All I wanted/expected was some Zofran and fluids, not a dangerous and potentially lethal drug interaction, but the doc wouldn’t believe me that Relpax was a triptan, saying he’d never heard of it,
It ended up in me physically covering the IV ports while a tech, a nurse, and the doc hollered at me. Eventually I managed to escape AMA, only to get raked over the coals by my company commander the next morning!
The CO insisted that I should stop trying to second guess doctors, after all I was only a staff sergeant, and next time I better just shut up and do what I was told. When I tried to explain about my educational background, he said I must be lying due to my young age. Trying to explain to him that I graduated college at 18 and thus had 2 years of PhD work under my belt when I enlisted at 20 was futile.

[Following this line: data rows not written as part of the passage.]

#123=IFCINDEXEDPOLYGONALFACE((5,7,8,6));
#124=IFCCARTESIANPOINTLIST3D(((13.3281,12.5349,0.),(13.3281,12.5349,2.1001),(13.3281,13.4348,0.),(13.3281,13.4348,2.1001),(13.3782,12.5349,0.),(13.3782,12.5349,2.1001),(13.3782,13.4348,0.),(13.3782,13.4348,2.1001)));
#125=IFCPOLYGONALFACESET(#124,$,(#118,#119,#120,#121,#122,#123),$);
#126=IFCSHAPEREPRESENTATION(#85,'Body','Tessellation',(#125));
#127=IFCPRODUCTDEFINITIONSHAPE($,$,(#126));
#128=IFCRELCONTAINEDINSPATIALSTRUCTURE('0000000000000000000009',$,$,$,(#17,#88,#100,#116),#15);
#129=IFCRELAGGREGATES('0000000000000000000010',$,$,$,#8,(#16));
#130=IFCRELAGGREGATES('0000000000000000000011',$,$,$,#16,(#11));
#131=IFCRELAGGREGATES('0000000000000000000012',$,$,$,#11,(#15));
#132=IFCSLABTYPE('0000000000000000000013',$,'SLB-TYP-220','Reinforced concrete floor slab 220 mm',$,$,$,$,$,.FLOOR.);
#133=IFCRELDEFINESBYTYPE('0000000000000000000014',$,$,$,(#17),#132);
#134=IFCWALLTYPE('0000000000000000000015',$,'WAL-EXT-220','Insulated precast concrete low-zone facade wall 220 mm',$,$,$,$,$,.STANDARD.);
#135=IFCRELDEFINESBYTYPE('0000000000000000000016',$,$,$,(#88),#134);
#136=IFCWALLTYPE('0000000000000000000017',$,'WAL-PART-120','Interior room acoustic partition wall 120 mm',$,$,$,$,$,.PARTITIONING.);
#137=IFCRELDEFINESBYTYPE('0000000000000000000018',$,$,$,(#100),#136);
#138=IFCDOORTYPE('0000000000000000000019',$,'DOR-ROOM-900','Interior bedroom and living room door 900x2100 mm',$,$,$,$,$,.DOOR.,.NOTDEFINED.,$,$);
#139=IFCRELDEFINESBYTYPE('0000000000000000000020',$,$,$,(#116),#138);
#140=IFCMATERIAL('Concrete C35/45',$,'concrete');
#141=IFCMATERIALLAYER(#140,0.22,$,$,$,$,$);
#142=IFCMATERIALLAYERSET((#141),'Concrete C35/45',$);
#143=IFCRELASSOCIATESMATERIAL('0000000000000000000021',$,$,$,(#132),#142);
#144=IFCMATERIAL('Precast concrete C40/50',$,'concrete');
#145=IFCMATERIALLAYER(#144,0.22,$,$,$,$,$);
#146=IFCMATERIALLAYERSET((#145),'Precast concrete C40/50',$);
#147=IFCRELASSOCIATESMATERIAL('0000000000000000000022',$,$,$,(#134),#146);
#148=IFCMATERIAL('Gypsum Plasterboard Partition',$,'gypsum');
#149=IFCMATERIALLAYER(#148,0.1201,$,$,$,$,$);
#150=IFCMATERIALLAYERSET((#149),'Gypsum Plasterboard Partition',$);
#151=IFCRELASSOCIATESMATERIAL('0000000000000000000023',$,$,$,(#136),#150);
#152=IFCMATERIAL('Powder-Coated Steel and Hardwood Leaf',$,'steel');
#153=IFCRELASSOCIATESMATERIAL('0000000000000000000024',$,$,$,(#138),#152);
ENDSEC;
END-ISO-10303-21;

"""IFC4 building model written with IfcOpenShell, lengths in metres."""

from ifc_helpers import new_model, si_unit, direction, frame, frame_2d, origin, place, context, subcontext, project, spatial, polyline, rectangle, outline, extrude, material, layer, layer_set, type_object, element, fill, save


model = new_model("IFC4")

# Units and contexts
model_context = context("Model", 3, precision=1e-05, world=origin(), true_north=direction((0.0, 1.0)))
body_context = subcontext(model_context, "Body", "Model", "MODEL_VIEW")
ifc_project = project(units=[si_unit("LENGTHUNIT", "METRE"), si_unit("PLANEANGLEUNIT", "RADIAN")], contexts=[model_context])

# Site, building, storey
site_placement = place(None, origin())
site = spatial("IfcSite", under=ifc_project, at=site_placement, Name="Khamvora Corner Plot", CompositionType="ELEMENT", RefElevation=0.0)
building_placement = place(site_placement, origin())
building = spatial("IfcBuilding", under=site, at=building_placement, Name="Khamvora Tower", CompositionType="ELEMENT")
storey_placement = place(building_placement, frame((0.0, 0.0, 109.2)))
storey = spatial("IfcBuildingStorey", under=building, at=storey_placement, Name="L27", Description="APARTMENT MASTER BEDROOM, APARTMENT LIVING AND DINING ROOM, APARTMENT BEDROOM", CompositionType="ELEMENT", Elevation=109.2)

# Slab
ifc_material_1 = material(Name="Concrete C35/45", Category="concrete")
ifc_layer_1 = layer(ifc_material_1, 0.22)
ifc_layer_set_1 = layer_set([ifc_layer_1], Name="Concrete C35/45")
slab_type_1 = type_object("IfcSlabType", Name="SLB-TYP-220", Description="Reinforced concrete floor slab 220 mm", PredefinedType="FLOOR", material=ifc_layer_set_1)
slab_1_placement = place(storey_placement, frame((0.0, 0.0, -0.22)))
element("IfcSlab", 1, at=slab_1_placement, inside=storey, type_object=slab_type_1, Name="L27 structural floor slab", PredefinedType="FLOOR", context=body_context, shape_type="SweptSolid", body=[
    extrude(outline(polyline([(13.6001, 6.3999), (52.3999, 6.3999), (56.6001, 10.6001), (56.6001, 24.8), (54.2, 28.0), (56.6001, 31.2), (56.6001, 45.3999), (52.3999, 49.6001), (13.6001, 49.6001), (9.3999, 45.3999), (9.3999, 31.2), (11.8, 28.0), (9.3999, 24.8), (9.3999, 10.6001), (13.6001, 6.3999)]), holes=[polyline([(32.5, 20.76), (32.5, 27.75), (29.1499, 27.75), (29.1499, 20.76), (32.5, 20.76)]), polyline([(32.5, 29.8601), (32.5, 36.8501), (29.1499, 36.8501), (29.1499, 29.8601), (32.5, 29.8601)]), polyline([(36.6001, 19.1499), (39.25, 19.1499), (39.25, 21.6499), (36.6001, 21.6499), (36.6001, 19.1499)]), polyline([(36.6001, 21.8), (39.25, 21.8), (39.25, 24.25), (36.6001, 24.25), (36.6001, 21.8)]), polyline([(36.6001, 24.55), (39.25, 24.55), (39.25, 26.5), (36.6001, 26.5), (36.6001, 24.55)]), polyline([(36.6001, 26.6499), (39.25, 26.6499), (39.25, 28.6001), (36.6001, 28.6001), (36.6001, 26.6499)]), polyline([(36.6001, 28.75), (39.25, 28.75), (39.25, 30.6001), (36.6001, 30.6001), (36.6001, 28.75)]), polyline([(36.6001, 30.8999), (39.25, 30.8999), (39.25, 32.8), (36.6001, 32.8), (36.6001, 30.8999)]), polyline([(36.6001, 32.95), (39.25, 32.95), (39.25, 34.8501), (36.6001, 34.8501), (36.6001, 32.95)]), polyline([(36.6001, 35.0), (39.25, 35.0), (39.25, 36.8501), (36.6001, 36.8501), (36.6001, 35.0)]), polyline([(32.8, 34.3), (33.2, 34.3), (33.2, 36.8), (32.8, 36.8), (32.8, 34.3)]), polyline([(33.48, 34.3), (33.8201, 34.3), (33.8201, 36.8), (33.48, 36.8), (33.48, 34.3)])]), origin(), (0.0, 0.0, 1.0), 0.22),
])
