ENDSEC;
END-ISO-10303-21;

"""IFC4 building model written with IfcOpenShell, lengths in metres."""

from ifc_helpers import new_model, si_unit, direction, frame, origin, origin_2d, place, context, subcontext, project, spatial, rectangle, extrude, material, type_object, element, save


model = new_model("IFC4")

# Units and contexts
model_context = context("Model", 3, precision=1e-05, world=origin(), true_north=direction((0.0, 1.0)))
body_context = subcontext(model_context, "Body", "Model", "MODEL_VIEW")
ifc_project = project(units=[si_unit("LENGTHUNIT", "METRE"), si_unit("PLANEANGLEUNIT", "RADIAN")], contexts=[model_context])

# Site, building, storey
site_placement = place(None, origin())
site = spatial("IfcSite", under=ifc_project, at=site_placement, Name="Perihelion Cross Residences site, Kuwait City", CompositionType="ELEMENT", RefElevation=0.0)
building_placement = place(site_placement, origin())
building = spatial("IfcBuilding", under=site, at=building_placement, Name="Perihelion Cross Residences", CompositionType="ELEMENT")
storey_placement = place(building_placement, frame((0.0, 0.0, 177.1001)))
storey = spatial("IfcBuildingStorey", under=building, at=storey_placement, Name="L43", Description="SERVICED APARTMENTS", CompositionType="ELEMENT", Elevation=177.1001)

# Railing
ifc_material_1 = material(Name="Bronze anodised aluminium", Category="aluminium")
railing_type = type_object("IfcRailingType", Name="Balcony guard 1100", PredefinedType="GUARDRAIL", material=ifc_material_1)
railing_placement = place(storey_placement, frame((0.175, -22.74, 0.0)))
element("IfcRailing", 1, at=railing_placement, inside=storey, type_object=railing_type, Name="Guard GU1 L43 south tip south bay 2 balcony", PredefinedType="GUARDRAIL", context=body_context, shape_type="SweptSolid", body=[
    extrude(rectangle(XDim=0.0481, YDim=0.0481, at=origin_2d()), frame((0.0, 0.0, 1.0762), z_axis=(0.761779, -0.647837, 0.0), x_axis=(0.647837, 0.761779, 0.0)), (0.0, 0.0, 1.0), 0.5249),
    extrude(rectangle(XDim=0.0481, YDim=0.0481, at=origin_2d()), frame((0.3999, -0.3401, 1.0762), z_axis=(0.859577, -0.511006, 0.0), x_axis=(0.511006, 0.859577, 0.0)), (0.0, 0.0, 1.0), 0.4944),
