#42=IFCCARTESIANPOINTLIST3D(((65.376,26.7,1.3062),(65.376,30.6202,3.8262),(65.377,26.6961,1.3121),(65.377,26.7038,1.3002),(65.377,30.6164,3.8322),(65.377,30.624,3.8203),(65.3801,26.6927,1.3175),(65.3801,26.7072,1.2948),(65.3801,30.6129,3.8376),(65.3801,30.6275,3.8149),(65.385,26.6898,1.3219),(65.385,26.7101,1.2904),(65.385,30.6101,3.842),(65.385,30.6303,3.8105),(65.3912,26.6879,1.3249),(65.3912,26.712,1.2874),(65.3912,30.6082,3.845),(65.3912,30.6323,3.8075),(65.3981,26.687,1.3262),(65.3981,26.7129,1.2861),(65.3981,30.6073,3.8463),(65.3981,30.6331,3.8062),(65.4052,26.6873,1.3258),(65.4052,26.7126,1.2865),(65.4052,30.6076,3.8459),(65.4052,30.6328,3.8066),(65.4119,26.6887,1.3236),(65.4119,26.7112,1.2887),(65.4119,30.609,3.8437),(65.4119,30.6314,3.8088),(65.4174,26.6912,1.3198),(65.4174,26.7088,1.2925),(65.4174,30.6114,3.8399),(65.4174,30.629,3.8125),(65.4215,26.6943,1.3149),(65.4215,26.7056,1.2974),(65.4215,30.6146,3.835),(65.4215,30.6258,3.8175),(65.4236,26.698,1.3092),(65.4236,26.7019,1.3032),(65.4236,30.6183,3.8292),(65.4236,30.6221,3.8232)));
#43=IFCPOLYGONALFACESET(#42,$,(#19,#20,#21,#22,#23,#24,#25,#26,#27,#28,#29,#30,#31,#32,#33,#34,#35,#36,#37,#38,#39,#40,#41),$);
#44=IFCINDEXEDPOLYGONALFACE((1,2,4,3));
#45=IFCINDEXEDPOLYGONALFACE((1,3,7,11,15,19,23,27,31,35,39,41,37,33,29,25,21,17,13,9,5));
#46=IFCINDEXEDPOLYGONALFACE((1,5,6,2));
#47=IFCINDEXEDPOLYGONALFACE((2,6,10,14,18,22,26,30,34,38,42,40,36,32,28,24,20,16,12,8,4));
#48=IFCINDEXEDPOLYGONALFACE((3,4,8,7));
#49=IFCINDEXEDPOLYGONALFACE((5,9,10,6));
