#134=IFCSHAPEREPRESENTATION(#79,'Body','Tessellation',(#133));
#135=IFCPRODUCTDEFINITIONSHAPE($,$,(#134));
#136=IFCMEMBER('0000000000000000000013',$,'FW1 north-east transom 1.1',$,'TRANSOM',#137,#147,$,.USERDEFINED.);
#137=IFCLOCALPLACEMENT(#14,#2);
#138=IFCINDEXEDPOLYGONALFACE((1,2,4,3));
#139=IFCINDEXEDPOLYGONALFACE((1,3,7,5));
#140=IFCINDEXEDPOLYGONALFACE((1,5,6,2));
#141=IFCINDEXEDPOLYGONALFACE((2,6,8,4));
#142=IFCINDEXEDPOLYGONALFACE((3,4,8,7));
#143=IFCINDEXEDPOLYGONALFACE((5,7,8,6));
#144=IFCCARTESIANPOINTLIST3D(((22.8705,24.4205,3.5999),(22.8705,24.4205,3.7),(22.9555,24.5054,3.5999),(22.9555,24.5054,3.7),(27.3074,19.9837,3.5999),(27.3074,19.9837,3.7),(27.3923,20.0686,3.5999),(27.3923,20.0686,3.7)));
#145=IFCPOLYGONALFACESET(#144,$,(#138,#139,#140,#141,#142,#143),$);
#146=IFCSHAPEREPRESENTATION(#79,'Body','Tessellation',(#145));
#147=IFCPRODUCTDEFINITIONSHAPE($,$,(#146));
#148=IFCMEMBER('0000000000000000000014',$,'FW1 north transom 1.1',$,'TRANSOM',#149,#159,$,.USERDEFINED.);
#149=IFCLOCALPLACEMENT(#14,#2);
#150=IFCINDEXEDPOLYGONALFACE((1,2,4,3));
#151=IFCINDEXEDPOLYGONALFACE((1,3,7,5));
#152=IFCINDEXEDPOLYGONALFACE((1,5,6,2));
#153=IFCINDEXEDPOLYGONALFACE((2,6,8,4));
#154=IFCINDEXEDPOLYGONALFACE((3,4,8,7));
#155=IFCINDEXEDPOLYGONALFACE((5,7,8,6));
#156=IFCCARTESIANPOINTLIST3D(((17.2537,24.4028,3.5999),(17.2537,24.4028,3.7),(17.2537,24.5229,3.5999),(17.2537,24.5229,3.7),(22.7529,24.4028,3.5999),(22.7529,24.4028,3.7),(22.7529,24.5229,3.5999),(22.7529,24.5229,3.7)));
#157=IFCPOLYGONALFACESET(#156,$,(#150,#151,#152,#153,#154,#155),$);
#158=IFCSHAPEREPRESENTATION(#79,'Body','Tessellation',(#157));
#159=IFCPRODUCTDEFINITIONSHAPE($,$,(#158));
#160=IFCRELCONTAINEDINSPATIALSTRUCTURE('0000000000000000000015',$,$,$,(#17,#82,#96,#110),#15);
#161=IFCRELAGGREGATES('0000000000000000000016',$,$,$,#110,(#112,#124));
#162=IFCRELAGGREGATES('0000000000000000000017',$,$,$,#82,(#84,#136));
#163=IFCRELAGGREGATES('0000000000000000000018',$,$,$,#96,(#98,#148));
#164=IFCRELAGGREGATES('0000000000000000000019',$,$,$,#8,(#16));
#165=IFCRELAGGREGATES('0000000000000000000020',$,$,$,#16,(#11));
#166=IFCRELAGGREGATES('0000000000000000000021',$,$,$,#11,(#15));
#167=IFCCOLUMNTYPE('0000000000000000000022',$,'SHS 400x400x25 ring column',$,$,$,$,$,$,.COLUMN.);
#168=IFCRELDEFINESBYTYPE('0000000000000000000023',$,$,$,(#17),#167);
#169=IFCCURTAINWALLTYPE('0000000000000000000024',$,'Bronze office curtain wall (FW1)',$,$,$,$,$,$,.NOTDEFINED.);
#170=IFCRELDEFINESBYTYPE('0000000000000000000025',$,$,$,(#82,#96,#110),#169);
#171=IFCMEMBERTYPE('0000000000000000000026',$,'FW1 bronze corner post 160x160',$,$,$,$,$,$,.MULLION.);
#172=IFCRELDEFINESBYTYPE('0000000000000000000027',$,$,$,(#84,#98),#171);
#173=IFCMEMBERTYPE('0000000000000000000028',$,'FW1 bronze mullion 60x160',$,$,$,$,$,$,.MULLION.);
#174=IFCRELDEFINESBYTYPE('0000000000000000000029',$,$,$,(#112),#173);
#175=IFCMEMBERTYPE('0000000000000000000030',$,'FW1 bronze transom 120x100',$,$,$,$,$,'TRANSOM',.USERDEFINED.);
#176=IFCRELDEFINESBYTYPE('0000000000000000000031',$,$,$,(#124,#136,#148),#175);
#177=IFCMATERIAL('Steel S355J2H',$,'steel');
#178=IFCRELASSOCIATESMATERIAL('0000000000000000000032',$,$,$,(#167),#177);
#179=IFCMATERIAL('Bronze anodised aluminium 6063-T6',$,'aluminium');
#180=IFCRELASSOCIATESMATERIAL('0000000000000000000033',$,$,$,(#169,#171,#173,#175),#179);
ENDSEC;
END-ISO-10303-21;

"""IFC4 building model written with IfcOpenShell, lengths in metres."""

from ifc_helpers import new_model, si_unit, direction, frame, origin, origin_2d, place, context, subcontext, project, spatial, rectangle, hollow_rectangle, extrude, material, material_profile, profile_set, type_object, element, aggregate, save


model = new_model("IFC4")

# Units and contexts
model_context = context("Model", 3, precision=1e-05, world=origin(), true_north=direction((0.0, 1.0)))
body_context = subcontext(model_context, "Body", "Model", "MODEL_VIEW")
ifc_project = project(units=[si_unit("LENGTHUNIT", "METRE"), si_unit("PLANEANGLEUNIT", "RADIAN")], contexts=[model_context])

He was a former enlisted infantry soldier who had gone OCS a few years back with one of those online bachelor’s degrees where you get three years of credit for “life experience”. Commanding a company full of “MI weenies”, more than 60% of whom had bachelor’s degrees and some 15% of whom had at least some graduate education was deeply threatening to his ego.
I never really mastered the technique of getting officers to listen to me if I was dismissed as ignorant because of my age. I think that perhaps if I had been able to serve until retirement age, it might have been easier to not be summarily dismissed.